1. Field of Application
The present invention relates to a method of controlling a DC-to-DC converter.
2. Description of Related Art
Various types of isolated DC-to-DC converter are known, and widely utilized. For example, the DC-to-DC converter example shown in FIG. 1 is of such a type, having two switching elements Q1, Q2 at the input side and two switching elements Q3, Q4 at the output side, with each of the switching elements controlled for on/off switching in a predetermined sequence. Unless otherwise indicated, it will be assumed in the following that each switching element of a described DC-to-DC converter is a MOSFET, with switching controlled by altering the gate voltage.
FIG. 33 is a timing diagram showing an example of a prior art type of basic gate control sequence for controlling the switching elements Q1 to Q4 in the DC-to-DC converter of FIG. 1. As shown in FIG. 33, the switching elements Q1, Q3 and the switching elements Q2, Q4 operate in synchronism, with the switching elements Q1, Q2 performing complementary on/off switching, and the switching elements Q3, Q4 similarly performing complementary on/off switching. At each transition interval in which the switching elements Q1, Q2 change between the on/off (i.e., closed and open) states and each transition interval in which the switching elements Q3, Q4 change between the on/off states, respective dead times Td1, Td2 are provided. These are intervals in which both of the switching elements (i.e., both switching elements Q1, Q2, or both switching elements Q3, Q4) are in the OFF state.

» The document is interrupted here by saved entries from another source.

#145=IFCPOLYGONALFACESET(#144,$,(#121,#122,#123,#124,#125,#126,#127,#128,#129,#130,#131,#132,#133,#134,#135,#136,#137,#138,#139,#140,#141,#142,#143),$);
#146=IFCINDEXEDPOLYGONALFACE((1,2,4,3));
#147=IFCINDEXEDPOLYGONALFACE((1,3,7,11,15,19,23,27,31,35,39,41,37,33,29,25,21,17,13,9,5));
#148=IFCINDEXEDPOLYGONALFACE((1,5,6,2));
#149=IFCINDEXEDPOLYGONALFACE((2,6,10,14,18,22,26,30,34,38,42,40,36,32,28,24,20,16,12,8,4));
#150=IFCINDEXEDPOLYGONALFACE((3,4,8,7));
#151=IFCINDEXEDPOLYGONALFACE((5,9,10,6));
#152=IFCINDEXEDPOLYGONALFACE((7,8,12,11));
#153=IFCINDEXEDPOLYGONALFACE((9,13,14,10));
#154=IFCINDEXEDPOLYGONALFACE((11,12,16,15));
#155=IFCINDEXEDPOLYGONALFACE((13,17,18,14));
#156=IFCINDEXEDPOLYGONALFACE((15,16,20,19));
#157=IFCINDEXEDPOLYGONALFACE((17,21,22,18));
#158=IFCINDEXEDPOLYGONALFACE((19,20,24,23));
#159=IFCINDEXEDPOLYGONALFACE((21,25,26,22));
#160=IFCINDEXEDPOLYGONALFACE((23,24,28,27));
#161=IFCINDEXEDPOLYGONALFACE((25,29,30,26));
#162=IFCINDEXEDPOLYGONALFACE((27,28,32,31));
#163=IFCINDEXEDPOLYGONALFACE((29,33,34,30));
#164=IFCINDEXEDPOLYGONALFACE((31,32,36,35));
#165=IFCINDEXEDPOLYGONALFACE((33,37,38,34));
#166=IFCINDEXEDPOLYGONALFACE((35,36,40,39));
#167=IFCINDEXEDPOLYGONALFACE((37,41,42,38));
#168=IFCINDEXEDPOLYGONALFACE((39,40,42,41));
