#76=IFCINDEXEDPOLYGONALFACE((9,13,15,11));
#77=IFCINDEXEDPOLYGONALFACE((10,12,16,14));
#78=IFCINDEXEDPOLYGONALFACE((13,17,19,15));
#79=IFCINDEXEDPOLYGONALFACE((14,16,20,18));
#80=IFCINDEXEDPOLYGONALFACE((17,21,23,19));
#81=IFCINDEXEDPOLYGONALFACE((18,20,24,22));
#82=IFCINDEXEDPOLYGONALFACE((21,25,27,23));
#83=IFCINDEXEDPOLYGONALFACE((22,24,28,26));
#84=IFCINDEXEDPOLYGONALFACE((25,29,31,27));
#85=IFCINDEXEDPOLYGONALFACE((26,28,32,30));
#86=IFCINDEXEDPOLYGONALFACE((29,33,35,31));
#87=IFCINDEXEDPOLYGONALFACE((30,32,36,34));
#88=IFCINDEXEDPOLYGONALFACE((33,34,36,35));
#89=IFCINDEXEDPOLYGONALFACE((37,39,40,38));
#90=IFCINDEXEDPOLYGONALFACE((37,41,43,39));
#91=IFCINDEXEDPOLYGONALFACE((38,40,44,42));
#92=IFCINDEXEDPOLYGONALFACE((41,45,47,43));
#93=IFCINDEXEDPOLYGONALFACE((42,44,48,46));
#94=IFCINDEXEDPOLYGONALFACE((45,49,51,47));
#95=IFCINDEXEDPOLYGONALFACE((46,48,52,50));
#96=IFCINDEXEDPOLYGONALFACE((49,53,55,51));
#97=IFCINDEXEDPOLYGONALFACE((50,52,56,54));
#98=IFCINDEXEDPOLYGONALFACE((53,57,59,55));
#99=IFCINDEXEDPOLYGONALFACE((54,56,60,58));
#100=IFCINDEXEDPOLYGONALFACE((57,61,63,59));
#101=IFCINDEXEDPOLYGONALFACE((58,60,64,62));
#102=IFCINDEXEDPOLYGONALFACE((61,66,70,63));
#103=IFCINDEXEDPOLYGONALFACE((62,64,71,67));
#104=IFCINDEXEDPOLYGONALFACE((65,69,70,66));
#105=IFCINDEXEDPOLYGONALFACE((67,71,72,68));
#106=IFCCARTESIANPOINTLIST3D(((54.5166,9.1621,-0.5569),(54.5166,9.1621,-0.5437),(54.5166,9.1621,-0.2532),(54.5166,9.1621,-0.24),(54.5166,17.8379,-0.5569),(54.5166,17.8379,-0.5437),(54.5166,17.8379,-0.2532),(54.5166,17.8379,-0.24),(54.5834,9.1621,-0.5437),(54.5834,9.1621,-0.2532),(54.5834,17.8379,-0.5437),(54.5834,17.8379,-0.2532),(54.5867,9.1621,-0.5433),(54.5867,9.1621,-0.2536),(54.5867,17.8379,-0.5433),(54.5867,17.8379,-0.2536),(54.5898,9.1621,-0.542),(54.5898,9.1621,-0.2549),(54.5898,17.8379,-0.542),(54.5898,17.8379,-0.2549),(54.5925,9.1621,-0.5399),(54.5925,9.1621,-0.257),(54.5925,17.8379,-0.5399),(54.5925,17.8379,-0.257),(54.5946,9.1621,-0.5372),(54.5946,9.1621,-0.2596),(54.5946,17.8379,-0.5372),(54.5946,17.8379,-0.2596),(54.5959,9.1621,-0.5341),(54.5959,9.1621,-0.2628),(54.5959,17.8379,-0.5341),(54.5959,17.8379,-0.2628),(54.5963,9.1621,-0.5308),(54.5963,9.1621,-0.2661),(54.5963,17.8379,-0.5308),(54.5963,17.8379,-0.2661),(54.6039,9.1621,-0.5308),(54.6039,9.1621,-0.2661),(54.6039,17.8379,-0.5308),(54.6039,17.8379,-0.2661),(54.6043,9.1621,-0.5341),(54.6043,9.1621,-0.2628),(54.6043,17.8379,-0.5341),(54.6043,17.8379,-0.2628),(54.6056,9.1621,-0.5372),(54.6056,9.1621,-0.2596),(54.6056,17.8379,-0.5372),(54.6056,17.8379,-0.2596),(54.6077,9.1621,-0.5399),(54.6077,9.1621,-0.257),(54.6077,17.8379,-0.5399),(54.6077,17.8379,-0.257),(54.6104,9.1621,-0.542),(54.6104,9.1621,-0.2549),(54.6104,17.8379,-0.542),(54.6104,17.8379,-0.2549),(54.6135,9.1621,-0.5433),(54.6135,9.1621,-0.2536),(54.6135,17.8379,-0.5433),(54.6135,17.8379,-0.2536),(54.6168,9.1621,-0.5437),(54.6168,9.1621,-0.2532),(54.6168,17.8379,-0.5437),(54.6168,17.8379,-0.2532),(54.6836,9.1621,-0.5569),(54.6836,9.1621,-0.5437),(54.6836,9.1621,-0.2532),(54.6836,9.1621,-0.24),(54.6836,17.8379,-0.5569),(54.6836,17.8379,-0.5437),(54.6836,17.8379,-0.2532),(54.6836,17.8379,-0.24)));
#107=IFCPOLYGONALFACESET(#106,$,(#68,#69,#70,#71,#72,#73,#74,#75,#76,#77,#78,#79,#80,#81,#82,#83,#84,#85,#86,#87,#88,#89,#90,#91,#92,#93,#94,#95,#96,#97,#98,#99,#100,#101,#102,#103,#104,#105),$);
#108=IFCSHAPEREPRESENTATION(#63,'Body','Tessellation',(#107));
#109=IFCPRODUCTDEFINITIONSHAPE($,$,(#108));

Such a DC-to-DC converter can operate in a boost mode, for converting input electrical power supplied to the No. 1 voltage system circuit 100 to output power that is supplied to the No. 2 voltage system circuit 200 with the output voltage of the No. 2 voltage system circuit 200 being higher than the input voltage of the No. 1 voltage system circuit 100. In the boost mode, each time the input side switching element Q1 or switching element Q2 becomes turned off, the magnetic energy stored in the choke coil L causes a high level of voltage surge to be applied to the switching element that is switched off. If the DC-to-DC converter is operated in a step-down mode (i.e., back operation) in which electrical power is converted from being supplied to the No. 2 voltage system circuit 200 to being supplied to the No. 1 voltage system circuit 100, with the input voltage of the No. 2 voltage system circuit 200 being higher than the output voltage of the No. 1 voltage system circuit 100, and if the switching elements Q1, Q2 are respective MOSFETs that each have a parasitic diode, then due to the action of such parasitic diodes, the level of voltage surge that occurs at the time of switch-off of the switching element Q1 or switching element Q2 will generally be negligible or very low.

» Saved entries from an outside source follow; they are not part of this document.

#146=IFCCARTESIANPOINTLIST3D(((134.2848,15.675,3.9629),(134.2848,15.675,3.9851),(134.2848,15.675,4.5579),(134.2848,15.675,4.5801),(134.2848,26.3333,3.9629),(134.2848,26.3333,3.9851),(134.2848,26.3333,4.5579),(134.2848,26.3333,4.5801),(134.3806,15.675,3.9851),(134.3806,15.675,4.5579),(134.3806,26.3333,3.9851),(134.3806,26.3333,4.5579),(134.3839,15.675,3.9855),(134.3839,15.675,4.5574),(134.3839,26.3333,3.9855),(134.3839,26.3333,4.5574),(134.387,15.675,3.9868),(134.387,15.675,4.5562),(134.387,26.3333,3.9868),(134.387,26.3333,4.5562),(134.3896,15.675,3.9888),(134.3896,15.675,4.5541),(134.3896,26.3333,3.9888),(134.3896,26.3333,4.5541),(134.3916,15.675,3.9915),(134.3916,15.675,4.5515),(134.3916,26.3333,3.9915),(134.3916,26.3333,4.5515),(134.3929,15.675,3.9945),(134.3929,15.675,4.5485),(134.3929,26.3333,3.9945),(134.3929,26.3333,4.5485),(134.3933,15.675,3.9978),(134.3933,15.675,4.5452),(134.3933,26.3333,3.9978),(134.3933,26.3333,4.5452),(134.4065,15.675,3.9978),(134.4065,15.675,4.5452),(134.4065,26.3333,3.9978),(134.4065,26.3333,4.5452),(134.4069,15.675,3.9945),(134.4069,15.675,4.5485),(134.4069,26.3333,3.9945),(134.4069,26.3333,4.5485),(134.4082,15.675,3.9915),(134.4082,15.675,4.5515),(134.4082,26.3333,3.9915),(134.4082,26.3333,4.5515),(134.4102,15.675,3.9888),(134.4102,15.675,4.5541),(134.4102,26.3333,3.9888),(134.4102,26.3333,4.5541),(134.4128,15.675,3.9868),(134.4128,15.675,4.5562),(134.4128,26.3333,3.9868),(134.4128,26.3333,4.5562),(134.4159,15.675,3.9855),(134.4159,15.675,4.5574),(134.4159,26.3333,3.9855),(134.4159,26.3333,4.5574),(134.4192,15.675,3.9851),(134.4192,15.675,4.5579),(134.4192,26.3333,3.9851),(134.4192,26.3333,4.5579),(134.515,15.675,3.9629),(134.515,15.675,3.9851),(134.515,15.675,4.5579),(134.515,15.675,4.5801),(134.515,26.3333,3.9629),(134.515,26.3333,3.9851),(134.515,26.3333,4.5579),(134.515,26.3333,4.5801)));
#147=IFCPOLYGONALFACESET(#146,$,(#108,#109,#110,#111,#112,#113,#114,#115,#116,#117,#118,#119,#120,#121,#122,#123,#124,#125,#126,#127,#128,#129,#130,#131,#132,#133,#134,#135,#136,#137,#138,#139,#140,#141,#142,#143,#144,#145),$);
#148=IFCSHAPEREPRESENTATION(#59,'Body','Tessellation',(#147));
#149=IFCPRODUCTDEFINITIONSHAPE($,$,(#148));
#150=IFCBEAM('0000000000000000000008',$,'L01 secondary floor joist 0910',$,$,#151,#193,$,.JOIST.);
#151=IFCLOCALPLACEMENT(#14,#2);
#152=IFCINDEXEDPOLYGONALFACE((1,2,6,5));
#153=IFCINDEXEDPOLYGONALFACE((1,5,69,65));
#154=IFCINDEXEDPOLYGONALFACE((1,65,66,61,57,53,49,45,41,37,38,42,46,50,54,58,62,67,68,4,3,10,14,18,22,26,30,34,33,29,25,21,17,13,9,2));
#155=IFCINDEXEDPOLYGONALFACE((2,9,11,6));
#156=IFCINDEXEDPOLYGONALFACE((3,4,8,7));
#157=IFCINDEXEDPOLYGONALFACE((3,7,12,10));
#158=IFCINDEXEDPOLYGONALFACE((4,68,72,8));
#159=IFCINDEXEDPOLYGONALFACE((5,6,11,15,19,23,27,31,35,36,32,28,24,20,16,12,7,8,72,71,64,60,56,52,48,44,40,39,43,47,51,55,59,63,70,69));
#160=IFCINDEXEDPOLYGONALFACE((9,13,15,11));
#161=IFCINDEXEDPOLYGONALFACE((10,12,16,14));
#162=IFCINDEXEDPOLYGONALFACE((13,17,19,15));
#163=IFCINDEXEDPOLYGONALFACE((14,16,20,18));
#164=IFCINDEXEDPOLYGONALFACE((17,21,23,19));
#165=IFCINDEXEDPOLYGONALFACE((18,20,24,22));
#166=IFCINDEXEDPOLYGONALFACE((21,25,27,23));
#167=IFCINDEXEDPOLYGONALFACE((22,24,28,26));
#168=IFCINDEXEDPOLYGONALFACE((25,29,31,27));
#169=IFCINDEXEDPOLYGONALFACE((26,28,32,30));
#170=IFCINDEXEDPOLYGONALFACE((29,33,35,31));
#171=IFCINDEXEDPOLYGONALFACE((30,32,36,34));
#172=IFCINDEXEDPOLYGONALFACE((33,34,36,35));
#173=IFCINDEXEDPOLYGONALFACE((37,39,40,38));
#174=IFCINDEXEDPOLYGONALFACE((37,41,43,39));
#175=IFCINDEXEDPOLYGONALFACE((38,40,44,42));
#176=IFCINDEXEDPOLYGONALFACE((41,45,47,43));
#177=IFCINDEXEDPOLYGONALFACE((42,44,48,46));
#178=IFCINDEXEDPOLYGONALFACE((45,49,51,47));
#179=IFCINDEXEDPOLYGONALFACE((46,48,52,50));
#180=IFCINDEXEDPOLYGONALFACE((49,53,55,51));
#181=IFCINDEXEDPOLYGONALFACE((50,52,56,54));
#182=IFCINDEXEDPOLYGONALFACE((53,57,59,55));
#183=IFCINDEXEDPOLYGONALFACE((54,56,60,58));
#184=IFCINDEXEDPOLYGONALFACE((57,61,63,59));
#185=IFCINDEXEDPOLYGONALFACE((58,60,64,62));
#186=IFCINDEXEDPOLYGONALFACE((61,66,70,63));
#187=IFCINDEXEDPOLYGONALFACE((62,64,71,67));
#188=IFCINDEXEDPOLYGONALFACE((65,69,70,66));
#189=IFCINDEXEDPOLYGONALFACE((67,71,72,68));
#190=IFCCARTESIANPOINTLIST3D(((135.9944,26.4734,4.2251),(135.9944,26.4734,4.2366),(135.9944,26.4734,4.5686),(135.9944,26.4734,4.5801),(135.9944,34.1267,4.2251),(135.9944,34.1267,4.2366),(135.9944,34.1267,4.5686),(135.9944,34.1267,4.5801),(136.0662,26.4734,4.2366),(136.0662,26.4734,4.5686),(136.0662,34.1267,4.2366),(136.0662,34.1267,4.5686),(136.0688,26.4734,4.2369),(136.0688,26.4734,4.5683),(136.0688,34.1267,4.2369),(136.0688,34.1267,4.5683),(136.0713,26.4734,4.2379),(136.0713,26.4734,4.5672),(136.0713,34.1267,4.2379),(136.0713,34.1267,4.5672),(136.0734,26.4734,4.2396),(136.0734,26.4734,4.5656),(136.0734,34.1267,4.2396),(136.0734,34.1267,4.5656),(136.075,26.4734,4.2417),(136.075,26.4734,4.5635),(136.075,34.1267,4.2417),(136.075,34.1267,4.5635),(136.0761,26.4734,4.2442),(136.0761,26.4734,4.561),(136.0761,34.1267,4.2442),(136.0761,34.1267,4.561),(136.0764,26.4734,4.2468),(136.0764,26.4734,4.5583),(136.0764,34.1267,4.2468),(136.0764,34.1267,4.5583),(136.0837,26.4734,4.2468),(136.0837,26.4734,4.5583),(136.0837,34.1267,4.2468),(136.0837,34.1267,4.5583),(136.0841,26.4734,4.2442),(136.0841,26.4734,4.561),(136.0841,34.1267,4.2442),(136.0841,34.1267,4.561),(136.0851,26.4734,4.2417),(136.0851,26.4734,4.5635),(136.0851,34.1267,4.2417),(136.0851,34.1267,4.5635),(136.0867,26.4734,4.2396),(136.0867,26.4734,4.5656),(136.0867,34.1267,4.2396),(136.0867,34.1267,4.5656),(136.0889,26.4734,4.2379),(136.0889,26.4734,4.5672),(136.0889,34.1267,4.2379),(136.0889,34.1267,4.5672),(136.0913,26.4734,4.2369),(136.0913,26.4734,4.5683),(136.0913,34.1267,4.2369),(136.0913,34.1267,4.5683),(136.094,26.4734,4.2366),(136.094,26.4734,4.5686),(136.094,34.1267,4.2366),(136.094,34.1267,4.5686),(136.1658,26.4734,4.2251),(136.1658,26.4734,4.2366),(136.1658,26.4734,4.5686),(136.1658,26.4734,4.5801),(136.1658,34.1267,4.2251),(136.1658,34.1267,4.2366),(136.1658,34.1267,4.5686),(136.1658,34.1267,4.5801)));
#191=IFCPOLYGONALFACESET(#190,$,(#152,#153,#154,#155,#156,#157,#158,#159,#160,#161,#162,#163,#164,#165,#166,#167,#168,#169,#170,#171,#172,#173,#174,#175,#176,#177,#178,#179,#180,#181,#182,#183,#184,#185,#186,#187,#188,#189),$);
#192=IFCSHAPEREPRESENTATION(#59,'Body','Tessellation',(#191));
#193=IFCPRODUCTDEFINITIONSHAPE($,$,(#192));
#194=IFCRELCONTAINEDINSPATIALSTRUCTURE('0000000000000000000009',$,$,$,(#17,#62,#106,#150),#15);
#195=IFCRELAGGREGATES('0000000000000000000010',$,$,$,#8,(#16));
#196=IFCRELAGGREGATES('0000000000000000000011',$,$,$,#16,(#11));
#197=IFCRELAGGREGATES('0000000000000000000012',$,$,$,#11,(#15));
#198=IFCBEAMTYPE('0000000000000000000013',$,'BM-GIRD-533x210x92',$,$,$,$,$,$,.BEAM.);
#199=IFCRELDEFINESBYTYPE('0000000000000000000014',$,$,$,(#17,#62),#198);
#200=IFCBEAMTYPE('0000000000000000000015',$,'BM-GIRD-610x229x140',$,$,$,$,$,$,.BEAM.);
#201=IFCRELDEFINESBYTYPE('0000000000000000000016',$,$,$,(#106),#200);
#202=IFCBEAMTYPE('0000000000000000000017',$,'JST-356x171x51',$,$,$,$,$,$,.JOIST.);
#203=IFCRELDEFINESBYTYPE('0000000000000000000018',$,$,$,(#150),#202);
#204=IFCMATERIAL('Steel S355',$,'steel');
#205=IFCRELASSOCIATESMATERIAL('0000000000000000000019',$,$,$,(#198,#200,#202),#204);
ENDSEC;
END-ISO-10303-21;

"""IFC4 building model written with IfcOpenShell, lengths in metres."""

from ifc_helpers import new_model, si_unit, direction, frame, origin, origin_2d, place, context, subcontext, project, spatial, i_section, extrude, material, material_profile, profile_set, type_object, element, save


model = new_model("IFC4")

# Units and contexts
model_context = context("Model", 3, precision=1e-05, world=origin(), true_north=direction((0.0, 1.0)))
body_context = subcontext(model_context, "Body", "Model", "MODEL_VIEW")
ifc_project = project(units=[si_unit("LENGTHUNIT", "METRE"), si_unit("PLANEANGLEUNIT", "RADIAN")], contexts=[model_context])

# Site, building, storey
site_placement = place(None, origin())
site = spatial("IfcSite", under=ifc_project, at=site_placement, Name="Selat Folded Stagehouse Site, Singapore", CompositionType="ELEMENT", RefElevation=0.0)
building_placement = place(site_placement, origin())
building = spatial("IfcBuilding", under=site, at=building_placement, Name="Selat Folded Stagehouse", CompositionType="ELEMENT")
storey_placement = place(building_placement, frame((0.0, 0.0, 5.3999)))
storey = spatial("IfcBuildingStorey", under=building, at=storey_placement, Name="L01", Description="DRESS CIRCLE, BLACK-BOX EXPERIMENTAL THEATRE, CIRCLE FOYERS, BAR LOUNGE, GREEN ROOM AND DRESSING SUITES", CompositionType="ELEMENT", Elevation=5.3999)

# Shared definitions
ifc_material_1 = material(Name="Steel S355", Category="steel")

During operation in the step-down mode, some voltage surge occurs when a parasitic diode becomes reverse-biased. However this voltage surge is mainly due to resonance between the leakage inductance of the transformer and the stray capacitances of the switching elements, and is generally small.

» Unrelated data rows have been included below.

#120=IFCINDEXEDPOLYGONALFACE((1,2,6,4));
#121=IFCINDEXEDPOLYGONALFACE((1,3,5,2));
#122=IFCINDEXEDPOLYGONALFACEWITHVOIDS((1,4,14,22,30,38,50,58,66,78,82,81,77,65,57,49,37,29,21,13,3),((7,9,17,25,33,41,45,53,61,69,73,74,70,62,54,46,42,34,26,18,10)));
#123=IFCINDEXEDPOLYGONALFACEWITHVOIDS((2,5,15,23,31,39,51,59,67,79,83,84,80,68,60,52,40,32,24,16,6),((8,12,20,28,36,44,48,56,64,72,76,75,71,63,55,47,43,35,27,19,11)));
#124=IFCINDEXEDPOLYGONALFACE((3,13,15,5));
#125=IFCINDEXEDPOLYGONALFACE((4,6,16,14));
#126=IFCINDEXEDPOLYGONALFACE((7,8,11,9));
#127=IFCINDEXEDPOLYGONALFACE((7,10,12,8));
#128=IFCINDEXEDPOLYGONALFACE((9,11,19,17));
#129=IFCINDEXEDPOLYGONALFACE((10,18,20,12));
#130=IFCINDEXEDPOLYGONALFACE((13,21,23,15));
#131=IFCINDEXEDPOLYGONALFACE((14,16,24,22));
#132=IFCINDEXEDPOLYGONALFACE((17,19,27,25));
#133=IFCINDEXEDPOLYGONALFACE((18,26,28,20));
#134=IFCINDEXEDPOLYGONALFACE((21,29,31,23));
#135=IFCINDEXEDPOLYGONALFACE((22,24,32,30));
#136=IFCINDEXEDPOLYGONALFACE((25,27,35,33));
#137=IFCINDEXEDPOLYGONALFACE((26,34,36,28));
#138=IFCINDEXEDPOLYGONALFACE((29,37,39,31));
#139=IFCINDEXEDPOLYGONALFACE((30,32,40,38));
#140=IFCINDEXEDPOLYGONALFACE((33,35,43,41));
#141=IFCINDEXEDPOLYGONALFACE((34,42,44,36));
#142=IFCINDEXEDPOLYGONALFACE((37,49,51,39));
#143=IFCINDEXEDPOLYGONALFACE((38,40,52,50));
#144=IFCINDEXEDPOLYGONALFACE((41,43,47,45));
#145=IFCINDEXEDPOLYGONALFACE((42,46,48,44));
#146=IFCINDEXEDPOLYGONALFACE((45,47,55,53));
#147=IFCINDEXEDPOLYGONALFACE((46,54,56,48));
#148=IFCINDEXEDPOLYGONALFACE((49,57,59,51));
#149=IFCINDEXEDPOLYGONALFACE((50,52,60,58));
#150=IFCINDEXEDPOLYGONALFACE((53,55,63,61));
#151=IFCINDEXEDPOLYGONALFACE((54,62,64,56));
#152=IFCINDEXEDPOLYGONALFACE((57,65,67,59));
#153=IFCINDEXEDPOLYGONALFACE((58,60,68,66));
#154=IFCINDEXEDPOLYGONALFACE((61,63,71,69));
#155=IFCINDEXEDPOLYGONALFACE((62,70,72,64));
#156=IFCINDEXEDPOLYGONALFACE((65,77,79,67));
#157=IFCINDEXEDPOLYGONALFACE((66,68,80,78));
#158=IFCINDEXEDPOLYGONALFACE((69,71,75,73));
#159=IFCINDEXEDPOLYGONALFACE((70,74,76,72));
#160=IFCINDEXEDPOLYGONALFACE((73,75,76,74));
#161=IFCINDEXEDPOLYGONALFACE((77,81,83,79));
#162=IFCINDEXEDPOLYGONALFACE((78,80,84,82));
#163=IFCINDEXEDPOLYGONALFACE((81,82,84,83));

However the levels of voltage surge generated due to switch-off of the switching elements Q1, Q2 during operation in the boost mode are substantial, and can apply an excessive amount of stress on these switching elements, as well as resulting in generation of electrical noise. Hence, these voltage surges present a serious problem.
With such a bidirectional DC-to-DC converter, which can be operated in the boost mode or in the back (step-down) mode, due to the high levels of voltage surge generated during boost operation it is necessary to use devices (generally MOSFETs) that have a high level of withstand voltage, as the switching elements Q1, Q2. For that reason, as described for example in Japanese patent first publication No. 2000-184710, it is known in the prior art to connect a snubber circuit to these switching elements, for absorbing the voltage surges.
Furthermore, with types of DC-to-DC converter of the form shown in FIGS. 14 and 24, which do not require the use of a choke coil, similar problems arise, resulting from the effects of the excitation inductance and leakage inductance of the transformer.
If a snubber circuit is added, then the number of components of the DC-to-DC converter is increased, and the circuit configuration made more complex, so that parts costs are increased.